Faculty Writing: Cyborg Politics and the Philosophy of Action
Danya Glabau wrote “Do Cyborgs have Politics?” for Pax Solaria, a short piece in which she discusses Donna Haraway, cyborgs, privilege and inequality, and what a cyborg politics should look like in the future.
“The politics of cyborgs are the politics of humans. These politics revolve around questions of belonging and difference, production and consumption, waste and renewal, inclusion and exclusion. The politics of cyborgs are also the politics of the planet, and of our non-human planetary companions. They will benefit from an expanded sense of empathy, but they will be harmed by an acceleration of the production of toxic waste from discarded implants. There is no fundamental break between the politics of cyborgs, the politics of humans, and the politics of non-humans, because the complex stories that need to be told about cyborgs involve participants from all three domains. And if, as some contend, cyborgs are the next evolutionary step for Homo sapiens sapiens, then their ethics and history will necessarily encompasses that of the humans which will have given rise to them.”
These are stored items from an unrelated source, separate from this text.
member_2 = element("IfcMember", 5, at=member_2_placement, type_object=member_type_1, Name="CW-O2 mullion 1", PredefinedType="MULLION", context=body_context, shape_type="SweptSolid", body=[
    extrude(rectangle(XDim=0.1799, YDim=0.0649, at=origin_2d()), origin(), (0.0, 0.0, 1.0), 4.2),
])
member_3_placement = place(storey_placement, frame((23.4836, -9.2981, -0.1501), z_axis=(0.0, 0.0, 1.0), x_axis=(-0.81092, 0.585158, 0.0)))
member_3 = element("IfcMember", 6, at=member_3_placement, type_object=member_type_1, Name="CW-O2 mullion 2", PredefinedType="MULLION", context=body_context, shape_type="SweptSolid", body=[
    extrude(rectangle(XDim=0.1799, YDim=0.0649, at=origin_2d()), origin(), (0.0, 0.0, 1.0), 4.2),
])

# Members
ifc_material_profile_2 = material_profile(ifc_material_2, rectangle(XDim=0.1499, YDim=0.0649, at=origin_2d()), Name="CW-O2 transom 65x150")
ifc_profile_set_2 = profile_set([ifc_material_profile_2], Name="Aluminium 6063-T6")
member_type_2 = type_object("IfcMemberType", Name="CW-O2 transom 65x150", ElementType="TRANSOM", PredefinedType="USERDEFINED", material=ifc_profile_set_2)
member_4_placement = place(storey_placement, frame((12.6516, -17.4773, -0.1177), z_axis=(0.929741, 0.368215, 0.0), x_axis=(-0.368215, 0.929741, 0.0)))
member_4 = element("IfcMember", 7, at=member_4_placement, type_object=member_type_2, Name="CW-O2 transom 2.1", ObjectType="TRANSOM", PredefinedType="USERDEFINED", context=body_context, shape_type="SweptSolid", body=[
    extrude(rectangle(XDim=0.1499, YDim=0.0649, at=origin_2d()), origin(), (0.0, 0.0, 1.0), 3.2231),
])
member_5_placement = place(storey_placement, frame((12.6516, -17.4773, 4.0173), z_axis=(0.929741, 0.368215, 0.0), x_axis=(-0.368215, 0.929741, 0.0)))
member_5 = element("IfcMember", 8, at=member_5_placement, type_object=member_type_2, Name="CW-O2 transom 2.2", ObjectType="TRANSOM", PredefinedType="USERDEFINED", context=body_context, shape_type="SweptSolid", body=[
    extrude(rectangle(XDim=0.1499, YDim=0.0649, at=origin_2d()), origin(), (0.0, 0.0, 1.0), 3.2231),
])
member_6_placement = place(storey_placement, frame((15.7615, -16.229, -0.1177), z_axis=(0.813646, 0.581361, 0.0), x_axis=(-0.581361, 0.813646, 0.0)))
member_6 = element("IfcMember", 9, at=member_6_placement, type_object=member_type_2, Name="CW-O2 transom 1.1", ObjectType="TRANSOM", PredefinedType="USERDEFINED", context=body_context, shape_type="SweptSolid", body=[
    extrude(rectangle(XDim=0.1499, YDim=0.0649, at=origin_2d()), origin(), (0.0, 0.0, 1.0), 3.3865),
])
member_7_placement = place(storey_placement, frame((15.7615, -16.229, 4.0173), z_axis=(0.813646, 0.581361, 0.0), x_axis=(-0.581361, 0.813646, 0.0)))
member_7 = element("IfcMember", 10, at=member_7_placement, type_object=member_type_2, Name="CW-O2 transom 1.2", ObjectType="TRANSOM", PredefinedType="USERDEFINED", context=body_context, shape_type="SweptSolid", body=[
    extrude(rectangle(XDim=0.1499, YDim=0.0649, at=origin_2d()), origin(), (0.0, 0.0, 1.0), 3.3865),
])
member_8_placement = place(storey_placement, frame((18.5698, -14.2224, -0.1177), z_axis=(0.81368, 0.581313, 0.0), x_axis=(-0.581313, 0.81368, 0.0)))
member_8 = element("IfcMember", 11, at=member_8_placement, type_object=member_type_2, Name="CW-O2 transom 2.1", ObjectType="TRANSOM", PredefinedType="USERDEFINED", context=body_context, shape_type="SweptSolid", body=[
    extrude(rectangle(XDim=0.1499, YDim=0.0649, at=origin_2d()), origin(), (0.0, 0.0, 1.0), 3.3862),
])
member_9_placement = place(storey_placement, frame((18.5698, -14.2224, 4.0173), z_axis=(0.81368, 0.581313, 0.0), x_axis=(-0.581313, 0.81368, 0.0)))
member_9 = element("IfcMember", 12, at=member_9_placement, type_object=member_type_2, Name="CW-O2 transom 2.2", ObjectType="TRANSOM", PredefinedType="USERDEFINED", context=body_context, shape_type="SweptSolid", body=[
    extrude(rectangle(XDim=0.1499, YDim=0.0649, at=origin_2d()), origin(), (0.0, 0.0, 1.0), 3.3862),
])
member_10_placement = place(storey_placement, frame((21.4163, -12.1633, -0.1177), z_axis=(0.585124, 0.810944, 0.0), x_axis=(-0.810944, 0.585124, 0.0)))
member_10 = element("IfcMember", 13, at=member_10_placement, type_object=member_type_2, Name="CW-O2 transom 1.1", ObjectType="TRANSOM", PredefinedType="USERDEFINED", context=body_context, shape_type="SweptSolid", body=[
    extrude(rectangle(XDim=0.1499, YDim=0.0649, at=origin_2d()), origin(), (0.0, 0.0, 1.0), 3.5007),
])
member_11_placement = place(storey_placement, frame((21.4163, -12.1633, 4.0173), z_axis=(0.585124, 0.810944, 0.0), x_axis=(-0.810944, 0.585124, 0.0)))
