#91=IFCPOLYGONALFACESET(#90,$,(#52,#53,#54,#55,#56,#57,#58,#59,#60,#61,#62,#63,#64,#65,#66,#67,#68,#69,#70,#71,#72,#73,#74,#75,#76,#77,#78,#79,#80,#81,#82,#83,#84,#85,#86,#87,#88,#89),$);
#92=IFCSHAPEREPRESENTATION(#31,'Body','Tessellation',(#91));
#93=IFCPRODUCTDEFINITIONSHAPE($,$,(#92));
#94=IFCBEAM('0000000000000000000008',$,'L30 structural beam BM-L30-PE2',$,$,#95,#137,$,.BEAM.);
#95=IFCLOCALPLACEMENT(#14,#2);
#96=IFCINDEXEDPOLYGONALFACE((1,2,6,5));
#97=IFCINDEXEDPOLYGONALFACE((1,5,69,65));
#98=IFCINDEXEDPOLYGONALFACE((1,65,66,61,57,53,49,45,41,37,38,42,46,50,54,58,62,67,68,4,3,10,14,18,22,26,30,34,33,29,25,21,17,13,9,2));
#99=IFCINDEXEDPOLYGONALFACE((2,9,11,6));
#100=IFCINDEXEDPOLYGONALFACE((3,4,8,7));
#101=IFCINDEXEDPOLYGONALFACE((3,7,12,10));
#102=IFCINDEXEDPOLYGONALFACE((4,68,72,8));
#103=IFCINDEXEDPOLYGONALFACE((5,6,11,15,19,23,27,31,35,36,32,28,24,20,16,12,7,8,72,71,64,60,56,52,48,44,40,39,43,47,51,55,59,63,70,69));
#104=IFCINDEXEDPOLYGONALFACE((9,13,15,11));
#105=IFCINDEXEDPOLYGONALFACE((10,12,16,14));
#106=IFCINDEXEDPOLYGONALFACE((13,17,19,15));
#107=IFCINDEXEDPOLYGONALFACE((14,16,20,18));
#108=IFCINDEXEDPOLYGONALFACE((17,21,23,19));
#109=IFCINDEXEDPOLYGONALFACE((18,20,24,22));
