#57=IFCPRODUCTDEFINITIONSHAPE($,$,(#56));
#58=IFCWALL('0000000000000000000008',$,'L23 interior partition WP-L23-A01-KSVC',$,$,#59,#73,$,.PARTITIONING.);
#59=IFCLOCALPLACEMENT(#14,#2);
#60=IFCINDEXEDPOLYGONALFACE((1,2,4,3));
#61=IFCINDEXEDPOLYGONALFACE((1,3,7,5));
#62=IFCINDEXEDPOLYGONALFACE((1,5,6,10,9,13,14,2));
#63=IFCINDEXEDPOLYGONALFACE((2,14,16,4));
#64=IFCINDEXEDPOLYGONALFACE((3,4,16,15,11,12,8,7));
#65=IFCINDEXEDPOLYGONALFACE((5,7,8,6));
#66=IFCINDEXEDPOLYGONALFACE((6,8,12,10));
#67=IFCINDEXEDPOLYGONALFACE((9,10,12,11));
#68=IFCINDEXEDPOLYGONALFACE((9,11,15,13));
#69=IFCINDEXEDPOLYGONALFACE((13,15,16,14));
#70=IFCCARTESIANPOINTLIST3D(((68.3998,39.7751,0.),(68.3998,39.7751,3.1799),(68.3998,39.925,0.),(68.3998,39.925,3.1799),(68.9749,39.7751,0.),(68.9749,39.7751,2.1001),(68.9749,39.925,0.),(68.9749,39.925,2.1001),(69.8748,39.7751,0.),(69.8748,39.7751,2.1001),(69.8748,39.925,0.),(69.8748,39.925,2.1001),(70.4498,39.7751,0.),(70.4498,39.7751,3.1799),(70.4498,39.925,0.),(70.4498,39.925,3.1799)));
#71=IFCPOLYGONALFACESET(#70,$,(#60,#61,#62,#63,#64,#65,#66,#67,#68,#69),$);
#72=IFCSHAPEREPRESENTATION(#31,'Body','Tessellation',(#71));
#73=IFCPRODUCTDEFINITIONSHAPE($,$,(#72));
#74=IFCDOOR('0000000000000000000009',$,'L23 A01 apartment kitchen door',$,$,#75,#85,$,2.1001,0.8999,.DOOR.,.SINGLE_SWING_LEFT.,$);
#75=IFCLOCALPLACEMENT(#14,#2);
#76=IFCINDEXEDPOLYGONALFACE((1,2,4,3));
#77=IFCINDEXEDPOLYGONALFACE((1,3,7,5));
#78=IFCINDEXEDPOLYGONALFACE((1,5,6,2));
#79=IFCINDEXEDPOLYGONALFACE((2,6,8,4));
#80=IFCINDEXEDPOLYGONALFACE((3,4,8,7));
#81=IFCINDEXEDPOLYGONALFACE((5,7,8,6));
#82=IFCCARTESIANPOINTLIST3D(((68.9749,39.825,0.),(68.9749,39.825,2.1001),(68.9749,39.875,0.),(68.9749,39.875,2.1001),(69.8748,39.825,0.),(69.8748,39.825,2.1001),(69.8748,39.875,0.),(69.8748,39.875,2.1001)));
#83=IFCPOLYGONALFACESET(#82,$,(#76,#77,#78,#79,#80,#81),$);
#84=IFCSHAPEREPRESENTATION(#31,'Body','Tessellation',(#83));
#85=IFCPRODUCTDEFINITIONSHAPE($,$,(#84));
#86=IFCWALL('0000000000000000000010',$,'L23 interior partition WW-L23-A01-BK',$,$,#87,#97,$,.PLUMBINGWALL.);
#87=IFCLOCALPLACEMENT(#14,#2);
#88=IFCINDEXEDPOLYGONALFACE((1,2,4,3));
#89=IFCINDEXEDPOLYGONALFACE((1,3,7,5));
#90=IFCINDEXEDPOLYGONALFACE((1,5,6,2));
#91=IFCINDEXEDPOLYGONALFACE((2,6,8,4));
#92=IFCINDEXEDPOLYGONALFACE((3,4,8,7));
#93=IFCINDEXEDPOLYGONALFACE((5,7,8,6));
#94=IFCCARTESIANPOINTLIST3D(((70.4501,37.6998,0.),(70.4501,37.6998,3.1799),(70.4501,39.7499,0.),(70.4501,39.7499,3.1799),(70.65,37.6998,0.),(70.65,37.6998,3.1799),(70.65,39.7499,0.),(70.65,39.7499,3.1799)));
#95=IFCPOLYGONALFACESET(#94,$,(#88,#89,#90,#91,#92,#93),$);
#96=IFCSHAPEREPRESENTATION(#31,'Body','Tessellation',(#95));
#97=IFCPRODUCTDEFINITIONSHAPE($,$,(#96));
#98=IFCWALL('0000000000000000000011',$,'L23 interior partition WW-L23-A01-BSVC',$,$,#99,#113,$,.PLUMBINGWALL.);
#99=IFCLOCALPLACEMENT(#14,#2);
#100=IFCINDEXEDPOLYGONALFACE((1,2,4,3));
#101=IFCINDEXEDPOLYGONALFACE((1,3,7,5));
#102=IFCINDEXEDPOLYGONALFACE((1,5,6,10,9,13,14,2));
Michael Brent wrote a new article, “Agent Causation as a Solution to the Problem of Action,” soon to be published in the Canadian Journal of Philosophy on the problem of action, causation and agency. In it, he rejects the reductive ambition found in recent Anglophone philosophy of action, and lays out an alternative way of thinking about the mechanisms of human action.
Here is Michael’s abstract for the paper:
“My primary aim is to defend a nonreductive solution to the problem of action. I argue that when you are performing an overt bodily action, you are playing an irreducible causal role in bringing about, sustaining, and controlling the movements of your body, a causal role best understood as an instance of agent causation. Thus, the solution that I defend employs a notion of agent causation, though emphatically not in defence of an account of free will, as most theories of agent causation are. Rather, I argue that the notion of agent causation introduced here best explains how it is that you are making your body move during an action, thereby providing a satisfactory solution to the problem of action.”